The only sure-fire method is to pick every possible outcome using a kind of math called combinatorics. Since there are 64 games and two possible outcomes -- a win or a loss -- that number is enormous. According to Breen, it is 18 quintillion, 446 quadrillion.
"So if every person on Earth could fill out a bracket every second, then it would take them roughly one century to fill out all possibilities," Breen tells DBIS.
Mathematicians say if a dollar bill represented each of the possible outcomes, you could lay them end-to-end and they would make two round trips between earth and the big dipper. While the odds seem out of this world, there is a way to score some points. "One thing is: The number one seeds seem to make it to the Final Four," Breen says.

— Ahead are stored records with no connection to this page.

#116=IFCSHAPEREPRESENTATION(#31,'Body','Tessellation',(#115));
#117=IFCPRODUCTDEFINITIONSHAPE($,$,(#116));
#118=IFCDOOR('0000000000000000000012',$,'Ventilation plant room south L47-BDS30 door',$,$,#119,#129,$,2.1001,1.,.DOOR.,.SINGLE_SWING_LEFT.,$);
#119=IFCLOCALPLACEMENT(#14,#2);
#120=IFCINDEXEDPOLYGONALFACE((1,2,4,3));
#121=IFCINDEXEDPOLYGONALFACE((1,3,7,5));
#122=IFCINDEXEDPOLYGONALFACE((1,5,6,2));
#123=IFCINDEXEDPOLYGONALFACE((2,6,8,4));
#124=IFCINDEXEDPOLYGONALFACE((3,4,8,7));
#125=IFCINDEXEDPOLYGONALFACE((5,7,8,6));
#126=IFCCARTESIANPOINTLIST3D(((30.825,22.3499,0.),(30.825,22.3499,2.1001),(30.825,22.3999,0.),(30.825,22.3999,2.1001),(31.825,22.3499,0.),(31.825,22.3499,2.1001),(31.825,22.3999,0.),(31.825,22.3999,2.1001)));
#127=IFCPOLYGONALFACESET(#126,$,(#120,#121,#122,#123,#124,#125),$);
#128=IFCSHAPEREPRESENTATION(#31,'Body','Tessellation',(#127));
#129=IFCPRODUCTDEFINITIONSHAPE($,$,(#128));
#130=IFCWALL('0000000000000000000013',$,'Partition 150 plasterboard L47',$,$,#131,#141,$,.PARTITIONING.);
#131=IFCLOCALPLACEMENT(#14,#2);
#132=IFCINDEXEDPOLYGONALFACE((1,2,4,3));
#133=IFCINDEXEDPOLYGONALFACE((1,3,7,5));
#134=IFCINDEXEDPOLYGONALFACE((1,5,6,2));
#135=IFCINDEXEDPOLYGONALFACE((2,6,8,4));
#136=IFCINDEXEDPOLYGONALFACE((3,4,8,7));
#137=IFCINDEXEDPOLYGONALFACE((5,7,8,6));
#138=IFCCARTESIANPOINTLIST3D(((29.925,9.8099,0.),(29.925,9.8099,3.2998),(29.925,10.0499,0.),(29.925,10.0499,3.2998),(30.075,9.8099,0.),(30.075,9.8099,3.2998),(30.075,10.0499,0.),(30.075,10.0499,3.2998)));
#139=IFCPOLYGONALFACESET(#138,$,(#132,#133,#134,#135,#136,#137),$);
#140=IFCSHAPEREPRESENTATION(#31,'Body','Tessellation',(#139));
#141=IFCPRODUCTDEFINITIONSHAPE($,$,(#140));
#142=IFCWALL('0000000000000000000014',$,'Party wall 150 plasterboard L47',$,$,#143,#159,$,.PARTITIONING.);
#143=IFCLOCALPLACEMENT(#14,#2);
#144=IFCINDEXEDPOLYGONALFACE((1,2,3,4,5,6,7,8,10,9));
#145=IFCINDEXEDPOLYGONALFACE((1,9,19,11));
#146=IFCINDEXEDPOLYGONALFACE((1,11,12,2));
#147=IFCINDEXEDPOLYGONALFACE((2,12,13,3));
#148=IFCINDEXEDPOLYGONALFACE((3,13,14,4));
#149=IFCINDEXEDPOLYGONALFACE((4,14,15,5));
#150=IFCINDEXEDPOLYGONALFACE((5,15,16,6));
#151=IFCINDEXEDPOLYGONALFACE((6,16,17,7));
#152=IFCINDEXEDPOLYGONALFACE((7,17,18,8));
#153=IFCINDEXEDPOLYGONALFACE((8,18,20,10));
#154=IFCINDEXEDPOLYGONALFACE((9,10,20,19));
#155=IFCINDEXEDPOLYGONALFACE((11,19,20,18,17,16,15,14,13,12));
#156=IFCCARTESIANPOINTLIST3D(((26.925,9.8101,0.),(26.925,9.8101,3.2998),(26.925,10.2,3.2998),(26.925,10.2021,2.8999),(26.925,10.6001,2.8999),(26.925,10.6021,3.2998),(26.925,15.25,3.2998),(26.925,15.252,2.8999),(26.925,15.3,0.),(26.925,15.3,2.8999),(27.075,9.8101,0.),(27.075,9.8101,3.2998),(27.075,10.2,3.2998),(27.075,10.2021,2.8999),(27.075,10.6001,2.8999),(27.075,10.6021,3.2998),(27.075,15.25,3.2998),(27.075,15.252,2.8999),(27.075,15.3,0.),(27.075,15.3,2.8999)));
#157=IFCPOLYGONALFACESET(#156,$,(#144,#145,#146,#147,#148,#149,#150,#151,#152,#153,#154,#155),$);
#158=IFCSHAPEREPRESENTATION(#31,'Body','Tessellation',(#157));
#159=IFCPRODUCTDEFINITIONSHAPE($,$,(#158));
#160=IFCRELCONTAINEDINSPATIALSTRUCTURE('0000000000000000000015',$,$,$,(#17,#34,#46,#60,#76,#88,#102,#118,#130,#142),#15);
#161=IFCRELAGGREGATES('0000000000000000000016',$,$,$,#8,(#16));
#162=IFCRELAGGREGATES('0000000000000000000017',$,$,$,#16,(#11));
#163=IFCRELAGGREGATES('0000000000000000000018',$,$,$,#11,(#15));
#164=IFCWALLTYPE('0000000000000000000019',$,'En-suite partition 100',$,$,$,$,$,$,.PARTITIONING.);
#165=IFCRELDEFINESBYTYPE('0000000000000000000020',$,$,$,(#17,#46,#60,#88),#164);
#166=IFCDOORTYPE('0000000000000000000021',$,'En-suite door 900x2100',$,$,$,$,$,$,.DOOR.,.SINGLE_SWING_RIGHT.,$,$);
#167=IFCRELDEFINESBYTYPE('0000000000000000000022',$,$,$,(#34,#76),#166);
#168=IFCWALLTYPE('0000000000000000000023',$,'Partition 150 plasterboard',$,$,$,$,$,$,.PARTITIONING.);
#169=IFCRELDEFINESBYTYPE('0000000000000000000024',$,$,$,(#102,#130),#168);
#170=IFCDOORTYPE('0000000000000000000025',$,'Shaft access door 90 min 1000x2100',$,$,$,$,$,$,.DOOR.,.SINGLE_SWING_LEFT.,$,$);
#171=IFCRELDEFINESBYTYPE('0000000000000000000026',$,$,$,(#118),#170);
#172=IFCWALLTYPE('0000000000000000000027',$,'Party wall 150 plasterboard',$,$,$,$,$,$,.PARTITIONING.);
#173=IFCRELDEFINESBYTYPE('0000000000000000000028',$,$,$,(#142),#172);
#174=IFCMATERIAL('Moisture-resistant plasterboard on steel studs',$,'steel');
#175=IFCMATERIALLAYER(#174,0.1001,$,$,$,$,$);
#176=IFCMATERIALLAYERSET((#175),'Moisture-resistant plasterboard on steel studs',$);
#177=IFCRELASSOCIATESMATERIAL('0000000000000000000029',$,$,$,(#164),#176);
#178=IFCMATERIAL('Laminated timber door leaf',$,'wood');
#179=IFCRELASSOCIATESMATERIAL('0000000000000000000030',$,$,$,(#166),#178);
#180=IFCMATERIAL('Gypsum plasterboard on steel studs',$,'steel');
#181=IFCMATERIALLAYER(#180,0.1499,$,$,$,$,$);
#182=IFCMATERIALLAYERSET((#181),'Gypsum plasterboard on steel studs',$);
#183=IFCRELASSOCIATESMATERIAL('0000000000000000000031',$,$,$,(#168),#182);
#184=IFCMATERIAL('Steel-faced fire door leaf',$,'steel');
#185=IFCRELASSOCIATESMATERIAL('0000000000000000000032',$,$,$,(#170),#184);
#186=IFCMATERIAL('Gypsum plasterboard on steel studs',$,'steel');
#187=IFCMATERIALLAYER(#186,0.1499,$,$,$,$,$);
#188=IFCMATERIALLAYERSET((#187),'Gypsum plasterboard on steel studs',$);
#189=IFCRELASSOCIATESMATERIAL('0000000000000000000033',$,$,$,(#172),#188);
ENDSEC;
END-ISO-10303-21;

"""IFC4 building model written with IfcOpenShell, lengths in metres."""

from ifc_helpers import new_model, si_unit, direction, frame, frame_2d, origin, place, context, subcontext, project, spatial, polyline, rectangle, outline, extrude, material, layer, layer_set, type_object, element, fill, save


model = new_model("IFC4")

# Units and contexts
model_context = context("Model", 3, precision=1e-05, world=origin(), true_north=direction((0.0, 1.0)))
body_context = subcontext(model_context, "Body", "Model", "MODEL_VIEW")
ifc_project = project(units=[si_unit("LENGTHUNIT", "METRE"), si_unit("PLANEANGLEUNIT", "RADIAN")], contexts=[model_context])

It's not a slam-dunk, but that advice may get you closer to the jackpot.
One other factoid: if you wanted to hit your home with a bean bag from space, you'd have a better chance of hitting your roof than you would of correctly picking all the brackets in the tournament randomly.
BACKGROUND: It's time again for "March Madness," when U.S. college basketball teams compete to win the NCAA Division I Basketball Tournament, and buddies compete with each other by picking winning teams to guess the ultimate outcome of the tournament. But the realities of mathematical probability dictate that it's almost impossible to get your picks 100 percent right.
CALCULATING THE ODDS: Since there are 64 games in the March Madness tournament and two possible outcomes for each team's game -- a win and a loss -- the number of possible outcomes for the tournament is a staggering 2 to the power of 64: that is, 2 multiplied by itself 64 times, or 18,446,744,073,709,551,616. If one dollar bill represents each of the possibilities, and the six-inch bills are placed lengthwise end-to-end, the line would make two round trips between the Earth and the middle of the Big Dipper -- a distance of about 75 light years. In fact, if you put in a dollar for each of the possible ways to fill out the team bracket chart (see link below), you would be able to pay off the U.S. National Debt (about $8 trillion as of March 2004) 2.3 million times over.
THE MATH OF FILLING OUT THE POOL FORMS: Combinatorics is a mathematical theory of counting individual objects, particularly units of a finite set, like a collection of marbles stored in a small pouch. Once primarily a mathematical curiosity, it is vital to many areas of modern technology. For example, it is a useful tool in determining probabilities and the number of structures possessing certain properties as applied to telephone (fiber optic) networks and computers. It can also be used to analyze industrial process schedules, electrical networks, and economics. And it's the math that you'd use if you actually filled out every possible form.